今回のパートナー、沢の会の同期G氏が以前から行きたがっていた「屋根岩3峰南稜レモンルート」の核心ピッチは5.9のワイドクラック。私には厳しいので、そこはフォローで行くつもり。アプローチは、今期2峰や水晶スラブに通っているので取付き付近まで順調だったが、惜しいところで右往左往して20分ほど浪費してしまった。出発から丁度1時間経った8時10分頃、取付に到着。人気ルートの筈なのに誰もいない。
いつものようにゆっくり支度をし、登攀開始は8:54。
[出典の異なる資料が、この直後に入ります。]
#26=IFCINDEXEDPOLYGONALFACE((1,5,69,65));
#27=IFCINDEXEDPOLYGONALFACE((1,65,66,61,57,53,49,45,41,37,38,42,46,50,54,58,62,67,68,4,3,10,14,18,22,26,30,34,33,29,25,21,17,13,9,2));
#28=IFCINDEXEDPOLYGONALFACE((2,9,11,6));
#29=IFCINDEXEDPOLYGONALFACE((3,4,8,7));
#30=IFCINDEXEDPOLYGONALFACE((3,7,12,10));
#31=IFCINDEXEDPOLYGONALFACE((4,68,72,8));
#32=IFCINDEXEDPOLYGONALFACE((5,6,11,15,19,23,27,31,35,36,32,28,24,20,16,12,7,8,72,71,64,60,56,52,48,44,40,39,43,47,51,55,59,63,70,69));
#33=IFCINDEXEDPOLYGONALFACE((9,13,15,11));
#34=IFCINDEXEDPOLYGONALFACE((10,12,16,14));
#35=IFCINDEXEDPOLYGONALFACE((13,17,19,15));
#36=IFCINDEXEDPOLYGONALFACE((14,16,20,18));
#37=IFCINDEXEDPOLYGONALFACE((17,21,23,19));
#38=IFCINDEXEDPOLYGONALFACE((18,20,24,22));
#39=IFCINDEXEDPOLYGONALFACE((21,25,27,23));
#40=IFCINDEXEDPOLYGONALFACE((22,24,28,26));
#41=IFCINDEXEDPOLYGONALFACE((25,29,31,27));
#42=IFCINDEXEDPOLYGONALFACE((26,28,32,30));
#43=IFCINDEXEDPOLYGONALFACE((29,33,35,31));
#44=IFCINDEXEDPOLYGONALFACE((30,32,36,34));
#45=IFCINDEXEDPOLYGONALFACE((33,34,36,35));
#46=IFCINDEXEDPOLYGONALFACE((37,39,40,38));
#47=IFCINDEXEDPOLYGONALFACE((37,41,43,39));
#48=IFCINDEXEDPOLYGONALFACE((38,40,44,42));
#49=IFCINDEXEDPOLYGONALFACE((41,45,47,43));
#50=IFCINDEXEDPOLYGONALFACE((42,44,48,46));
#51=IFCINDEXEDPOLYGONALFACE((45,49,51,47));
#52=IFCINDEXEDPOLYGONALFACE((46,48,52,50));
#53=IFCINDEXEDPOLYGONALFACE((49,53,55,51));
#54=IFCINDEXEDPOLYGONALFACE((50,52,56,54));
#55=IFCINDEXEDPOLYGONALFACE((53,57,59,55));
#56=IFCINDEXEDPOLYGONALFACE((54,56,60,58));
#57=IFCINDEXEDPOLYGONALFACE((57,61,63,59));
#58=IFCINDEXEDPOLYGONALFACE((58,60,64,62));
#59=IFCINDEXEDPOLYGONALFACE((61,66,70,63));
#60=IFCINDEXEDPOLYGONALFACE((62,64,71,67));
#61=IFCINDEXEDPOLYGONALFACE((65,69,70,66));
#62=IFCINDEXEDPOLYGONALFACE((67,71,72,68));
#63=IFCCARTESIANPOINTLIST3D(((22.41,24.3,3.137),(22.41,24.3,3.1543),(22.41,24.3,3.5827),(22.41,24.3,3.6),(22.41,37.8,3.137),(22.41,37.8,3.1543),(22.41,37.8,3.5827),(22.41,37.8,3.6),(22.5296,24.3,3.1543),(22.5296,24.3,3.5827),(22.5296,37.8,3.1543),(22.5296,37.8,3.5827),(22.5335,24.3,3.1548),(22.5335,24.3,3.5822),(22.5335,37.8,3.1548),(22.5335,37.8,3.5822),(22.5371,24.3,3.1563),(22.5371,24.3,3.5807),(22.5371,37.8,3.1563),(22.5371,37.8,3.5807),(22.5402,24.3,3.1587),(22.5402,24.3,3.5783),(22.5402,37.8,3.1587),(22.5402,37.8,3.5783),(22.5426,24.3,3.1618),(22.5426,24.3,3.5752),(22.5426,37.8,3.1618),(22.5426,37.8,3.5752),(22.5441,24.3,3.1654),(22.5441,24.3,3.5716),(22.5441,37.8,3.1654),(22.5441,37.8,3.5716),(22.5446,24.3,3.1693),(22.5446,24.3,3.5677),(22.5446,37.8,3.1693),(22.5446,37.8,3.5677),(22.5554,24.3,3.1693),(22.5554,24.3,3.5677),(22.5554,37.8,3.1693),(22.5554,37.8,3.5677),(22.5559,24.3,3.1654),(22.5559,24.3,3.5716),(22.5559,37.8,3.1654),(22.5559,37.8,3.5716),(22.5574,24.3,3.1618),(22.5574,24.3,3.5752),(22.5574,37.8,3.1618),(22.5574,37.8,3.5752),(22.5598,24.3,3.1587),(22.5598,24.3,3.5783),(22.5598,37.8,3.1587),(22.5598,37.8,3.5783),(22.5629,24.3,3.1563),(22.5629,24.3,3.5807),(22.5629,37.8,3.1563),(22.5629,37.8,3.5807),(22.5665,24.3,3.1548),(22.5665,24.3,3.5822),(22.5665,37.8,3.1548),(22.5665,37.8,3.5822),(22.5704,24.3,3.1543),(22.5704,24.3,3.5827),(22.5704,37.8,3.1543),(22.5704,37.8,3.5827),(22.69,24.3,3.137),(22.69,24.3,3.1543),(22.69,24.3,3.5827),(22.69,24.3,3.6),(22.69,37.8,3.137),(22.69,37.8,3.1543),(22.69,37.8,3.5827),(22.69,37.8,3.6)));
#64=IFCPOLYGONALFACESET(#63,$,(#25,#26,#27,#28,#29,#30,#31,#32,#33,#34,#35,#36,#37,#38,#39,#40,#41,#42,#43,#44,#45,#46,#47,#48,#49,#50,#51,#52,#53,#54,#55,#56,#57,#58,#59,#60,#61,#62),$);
1ピッチ目と2ピッチ目を私が行って、3ピッチ目で交代するつもり。
1ピッチ目 5.6、疲れているからか朝イチだからか全く調子が出ず。右のクラックにカムを決めつつ、フェースを慎重(鈍重と言うべきか)に登ってゆく。ピッチの中ほどにある1つだけあるボルトに届いた辺りで落ち着いてきた。眺めが非常に良いので、ピッチの途中ではあるが撮影タイム。
写真を撮っていたら、ビレイしているG氏から「寒い」と言われてしまった。ゴメン。こちらは陽向でポカポカなので、つい。再び登り始めるとスリングのかかった立木が現れ、その更に右上に立派なボルトの終了点が見えた。
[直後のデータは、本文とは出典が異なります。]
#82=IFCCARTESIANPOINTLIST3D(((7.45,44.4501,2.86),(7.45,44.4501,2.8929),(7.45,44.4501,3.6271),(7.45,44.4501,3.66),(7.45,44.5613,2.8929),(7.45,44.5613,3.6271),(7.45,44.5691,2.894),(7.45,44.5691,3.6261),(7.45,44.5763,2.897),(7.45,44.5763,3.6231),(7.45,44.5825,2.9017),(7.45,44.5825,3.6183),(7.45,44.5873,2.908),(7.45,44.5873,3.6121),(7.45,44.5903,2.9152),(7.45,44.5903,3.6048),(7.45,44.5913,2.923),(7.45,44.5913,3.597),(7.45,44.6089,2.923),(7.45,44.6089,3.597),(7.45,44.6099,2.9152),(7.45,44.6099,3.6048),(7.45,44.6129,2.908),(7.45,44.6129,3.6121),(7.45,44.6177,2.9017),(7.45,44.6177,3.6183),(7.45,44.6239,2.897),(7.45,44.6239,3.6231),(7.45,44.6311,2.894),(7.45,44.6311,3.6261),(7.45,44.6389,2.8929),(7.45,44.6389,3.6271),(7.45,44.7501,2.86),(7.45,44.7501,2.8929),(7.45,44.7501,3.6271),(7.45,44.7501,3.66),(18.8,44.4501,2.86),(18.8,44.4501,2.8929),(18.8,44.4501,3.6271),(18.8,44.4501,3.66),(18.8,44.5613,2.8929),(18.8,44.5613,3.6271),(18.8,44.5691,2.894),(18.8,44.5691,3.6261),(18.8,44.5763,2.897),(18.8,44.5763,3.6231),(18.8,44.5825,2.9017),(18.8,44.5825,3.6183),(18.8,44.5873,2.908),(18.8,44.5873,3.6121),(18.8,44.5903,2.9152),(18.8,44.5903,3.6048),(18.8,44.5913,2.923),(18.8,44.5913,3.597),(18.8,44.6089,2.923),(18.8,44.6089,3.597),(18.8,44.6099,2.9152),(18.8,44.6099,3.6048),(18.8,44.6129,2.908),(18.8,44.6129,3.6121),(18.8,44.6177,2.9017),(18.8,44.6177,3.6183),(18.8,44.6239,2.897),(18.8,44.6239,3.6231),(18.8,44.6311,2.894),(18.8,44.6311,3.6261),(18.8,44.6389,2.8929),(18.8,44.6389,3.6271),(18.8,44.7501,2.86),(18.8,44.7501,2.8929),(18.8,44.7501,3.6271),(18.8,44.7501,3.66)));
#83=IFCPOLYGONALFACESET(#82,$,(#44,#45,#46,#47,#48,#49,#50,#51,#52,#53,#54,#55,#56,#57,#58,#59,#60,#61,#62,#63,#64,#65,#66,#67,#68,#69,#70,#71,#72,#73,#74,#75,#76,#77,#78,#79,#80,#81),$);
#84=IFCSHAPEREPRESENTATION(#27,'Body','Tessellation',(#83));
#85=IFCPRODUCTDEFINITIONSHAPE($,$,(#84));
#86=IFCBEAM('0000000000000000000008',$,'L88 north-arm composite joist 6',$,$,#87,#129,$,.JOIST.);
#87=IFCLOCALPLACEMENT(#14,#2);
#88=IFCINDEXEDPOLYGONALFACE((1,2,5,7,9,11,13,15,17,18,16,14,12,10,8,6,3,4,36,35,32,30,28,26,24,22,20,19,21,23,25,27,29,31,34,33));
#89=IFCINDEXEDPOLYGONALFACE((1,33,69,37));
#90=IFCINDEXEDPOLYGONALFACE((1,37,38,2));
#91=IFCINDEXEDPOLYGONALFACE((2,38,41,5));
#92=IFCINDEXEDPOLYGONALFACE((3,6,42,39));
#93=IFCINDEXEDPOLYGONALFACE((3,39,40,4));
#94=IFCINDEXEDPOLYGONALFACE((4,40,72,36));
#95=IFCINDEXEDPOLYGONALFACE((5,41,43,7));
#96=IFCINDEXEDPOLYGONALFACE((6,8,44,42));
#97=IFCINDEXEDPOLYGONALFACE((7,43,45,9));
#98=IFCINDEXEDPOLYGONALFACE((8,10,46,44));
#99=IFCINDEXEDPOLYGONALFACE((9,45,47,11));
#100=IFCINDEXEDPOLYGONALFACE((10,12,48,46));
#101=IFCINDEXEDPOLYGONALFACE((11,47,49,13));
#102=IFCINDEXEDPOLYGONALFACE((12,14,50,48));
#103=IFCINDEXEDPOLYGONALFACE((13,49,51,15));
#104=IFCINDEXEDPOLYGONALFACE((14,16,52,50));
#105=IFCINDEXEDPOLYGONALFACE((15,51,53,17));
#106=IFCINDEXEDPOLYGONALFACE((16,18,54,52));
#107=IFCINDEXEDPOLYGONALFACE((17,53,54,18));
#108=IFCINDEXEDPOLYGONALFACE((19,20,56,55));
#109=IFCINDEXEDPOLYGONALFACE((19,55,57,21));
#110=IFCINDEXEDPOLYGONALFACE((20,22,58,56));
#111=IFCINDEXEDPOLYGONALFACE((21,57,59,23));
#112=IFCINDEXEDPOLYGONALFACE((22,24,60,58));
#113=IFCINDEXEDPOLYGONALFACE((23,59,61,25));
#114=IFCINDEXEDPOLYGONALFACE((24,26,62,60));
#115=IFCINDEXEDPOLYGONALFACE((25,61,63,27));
2ピッチ目 5.7は噂のトラヴァース。ビレイ点から眺めていると確かに怖く思えるのだが、顕著なダイクに1歩踏み出してみると、続くスタンスもあるし細かいホールドもある。右上気味にトラヴァースしアンダーを取ってカムを決めたら、あとは安心。
真上へと向きを変え、灌木に支点を取りながら登ってゆくと3ピッチ目の弓状クラックが見えてくる。下から眺めるとそんなに傾斜がキツくないように見えるのは目の錯覚。取付き近くの立木でセルフビレイを取ってから改めて眺めると、全然緩くなんかない。前半は立ってるし、後半はフレアした斜上クラックなんて得体が知れないよ…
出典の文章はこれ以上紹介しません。